I hope this addresses your concerns and I would appreciate any further feedback. I plan to make one additional change related to error handling. After receiving your follow-up comments, I'll make any necessary revisions, rerun the manual tests, and then the code should be ready for merging.

rewolff commented 9 months ago

I was not criticizing you for your use of ifdefs. You were doing it mostly right in the parts that I scanned. But your example can be used as an example:

I would like to have the main code read:

  drop_excess_capabilities();  // this evaluates to a noop if we don't have LIBCAP. 

Then in the implementation of "drop_excess_capabilities" there would be the ifdef HAVE_LIBCAP. Or where the

20 years ago, that would have meant a call to an empty function. 20 years ago I would've said: if it makes the code more readable, it is worth the extra/empty function call. Nowadays the compiler will remove the call during the linking stage.

Don't optimize for run-time, optimize for readabilty.

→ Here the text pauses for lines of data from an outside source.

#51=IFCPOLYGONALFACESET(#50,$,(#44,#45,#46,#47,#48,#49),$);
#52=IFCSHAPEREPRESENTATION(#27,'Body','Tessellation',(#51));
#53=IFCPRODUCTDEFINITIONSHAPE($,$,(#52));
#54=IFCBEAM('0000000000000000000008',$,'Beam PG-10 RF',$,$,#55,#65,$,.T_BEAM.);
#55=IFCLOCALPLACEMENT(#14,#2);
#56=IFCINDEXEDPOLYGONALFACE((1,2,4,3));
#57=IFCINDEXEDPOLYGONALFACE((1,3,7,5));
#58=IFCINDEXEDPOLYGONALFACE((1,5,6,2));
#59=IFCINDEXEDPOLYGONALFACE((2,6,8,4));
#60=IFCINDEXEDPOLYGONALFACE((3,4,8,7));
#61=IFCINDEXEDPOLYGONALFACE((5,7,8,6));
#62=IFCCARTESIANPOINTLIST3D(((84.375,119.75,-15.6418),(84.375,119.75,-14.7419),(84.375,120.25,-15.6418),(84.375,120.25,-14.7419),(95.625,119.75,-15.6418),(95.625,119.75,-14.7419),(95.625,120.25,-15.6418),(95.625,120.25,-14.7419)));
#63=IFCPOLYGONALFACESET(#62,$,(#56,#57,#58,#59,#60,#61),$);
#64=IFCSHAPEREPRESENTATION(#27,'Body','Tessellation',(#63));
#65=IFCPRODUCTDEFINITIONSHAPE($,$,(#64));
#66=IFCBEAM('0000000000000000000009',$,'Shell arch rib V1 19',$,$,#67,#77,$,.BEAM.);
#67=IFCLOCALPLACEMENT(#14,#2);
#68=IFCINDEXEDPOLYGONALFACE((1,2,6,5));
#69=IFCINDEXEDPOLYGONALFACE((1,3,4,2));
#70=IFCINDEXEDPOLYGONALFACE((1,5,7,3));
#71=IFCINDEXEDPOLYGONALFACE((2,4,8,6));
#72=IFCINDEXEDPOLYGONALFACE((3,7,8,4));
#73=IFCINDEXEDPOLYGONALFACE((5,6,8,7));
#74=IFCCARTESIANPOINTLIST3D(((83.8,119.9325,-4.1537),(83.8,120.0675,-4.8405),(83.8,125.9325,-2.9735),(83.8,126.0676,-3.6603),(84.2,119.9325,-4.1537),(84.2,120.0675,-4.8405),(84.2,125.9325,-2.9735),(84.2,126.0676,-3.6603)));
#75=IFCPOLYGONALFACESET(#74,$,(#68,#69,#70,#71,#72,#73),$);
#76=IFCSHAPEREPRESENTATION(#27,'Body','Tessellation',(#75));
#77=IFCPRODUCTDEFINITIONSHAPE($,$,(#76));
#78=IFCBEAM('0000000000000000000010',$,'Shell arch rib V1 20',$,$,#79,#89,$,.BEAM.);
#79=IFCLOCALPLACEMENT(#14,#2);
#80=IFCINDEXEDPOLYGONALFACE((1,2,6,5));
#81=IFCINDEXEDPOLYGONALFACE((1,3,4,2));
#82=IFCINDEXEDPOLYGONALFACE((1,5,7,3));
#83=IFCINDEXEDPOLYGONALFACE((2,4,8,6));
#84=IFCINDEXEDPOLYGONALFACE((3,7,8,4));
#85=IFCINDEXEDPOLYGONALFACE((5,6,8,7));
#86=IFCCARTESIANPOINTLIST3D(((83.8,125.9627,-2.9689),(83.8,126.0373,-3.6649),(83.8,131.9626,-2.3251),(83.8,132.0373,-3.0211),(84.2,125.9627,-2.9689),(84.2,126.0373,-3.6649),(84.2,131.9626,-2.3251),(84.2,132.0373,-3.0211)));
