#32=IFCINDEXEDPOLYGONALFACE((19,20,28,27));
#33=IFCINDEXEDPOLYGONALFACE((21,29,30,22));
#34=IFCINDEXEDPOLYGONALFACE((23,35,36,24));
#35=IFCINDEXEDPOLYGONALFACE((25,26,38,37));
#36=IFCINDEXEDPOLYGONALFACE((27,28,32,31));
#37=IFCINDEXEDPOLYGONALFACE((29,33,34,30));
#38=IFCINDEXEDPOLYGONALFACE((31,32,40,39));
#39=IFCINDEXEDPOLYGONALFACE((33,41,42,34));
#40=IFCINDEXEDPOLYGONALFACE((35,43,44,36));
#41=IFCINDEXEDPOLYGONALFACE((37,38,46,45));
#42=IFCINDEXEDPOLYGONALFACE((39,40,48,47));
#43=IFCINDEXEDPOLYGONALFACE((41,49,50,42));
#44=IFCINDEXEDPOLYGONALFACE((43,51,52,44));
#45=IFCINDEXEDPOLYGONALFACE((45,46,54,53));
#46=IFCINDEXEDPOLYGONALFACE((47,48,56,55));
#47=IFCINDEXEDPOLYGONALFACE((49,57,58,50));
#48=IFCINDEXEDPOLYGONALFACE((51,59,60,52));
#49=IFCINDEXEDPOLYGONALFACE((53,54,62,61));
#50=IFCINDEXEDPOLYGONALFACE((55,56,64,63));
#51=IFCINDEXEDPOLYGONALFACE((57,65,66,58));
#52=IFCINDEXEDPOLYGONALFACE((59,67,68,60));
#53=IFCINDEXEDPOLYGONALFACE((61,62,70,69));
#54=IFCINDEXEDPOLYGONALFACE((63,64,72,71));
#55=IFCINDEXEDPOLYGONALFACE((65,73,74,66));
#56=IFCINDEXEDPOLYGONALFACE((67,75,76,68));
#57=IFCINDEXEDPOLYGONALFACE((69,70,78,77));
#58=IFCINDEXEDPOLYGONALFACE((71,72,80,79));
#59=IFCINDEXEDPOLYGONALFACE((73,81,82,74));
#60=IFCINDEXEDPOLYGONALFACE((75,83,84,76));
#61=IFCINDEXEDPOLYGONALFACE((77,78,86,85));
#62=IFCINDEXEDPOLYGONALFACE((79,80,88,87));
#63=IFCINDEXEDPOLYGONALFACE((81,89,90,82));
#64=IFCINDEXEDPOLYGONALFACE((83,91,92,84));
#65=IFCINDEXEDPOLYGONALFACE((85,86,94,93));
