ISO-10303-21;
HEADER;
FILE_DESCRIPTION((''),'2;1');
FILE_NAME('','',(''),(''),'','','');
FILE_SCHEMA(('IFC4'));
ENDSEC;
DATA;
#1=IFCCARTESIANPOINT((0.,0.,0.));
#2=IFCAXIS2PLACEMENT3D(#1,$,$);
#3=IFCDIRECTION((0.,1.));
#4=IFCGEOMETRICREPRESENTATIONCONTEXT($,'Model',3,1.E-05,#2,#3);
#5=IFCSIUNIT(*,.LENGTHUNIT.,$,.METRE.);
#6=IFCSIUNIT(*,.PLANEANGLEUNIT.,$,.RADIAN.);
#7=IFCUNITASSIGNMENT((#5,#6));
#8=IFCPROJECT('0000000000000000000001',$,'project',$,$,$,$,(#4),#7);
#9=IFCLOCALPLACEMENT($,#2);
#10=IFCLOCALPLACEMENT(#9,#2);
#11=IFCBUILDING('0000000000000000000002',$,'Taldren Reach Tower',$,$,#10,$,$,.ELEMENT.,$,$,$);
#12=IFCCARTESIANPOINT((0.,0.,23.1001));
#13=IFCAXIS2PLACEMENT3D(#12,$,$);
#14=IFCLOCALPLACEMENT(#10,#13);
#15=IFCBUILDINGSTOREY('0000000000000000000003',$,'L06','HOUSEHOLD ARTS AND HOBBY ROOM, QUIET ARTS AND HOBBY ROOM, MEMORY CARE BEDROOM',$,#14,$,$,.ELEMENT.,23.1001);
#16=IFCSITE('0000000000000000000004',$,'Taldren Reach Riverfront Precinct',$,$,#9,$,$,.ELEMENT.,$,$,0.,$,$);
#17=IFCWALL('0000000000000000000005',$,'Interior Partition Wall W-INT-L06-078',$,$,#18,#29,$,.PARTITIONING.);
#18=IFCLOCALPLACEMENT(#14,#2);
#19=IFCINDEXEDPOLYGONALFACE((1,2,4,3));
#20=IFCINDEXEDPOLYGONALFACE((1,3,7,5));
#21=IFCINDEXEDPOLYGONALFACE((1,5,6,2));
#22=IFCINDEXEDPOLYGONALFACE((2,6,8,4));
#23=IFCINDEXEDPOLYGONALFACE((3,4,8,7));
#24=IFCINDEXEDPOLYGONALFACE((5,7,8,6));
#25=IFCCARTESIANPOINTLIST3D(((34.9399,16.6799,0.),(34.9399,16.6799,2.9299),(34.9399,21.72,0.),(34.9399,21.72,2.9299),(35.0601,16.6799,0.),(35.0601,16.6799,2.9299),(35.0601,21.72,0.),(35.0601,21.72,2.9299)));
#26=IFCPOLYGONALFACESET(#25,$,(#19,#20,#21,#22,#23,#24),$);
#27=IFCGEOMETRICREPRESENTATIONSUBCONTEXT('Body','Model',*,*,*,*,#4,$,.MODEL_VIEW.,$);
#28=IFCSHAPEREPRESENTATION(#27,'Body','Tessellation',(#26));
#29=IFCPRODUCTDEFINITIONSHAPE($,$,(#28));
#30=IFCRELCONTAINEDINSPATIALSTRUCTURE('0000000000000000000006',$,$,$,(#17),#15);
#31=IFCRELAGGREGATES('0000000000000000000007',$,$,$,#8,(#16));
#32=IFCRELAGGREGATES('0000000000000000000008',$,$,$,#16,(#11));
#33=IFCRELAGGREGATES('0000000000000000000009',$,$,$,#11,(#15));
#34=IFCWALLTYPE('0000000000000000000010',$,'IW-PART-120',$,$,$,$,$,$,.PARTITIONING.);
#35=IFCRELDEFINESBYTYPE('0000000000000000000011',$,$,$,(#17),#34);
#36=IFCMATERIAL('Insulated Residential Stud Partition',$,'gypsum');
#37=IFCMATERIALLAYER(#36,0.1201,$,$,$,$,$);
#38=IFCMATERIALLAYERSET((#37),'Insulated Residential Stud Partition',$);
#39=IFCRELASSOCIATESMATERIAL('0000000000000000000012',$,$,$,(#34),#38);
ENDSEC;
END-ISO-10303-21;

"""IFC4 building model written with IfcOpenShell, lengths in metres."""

from ifc_helpers import new_model, si_unit, direction, frame, frame_2d, origin, place, context, subcontext, project, spatial, rectangle, extrude, source, transform, mapped, material, layer, layer_set, type_object, element, save


model = new_model("IFC4")

# Units and contexts
model_context = context("Model", 3, precision=1e-05, world=origin(), true_north=direction((0.0, 1.0)))
body_context = subcontext(model_context, "Body", "Model", "MODEL_VIEW")
ifc_project = project(units=[si_unit("LENGTHUNIT", "METRE"), si_unit("PLANEANGLEUNIT", "RADIAN")], contexts=[model_context])

# Site, building, storey
site_placement = place(None, origin())
site = spatial("IfcSite", under=ifc_project, at=site_placement, Name="Taldren Reach Riverfront Precinct", CompositionType="ELEMENT", RefElevation=0.0)
building_placement = place(site_placement, origin())
building = spatial("IfcBuilding", under=site, at=building_placement, Name="Taldren Reach Tower", CompositionType="ELEMENT")
storey_placement = place(building_placement, frame((0.0, 0.0, 23.1001)))
storey = spatial("IfcBuildingStorey", under=building, at=storey_placement, Name="L06", Description="HOUSEHOLD ARTS AND HOBBY ROOM, QUIET ARTS AND HOBBY ROOM, MEMORY CARE BEDROOM", CompositionType="ELEMENT", Elevation=23.1001)

# Wall
ifc_material_1 = material(Name="Insulated Residential Stud Partition", Category="gypsum")
ifc_layer_1 = layer(ifc_material_1, 0.1201)
ifc_layer_set_1 = layer_set([ifc_layer_1], Name="Insulated Residential Stud Partition")
wall_type_1 = type_object("IfcWallType", Name="IW-PART-120", PredefinedType="PARTITIONING", material=ifc_layer_set_1)
shared_shape_1 = source(origin(), body_context, "Body", "SweptSolid", [
    extrude(rectangle(XDim=5.04, YDim=0.1201, at=frame_2d((2.52, 0.0))), origin(), (0.0, 0.0, 1.0), 2.9299),
])
wall_1_placement = place(storey_placement, frame((35.0, 21.72, 0.0), z_axis=(0.0, 0.0, 1.0), x_axis=(0.0, -1.0, 0.0)))
element("IfcWall", 1, at=wall_1_placement, inside=storey, type_object=wall_type_1, Name="Interior Partition Wall W-INT-L06-078", PredefinedType="PARTITIONING", context=body_context, shape_type="MappedRepresentation", body=[
    mapped(shared_shape_1, transform((0.0, 0.0, 0.0), scale=1.0)),
])

save(model, "model.ifc")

Early nineties I worked on a project optimized for runtime: We knew in advance timing was going to be tricky. Turns out the optimized code (written before my involvement in the project) "didn't work". I rewrote for readability: All code got about 3x slower. Then I optimized just the ONE function that was taking most of the time (80% of available time after optimization). And then it worked. And within the real-time constraints that we had. The readability aspect of the code is WAY more important than the runtime.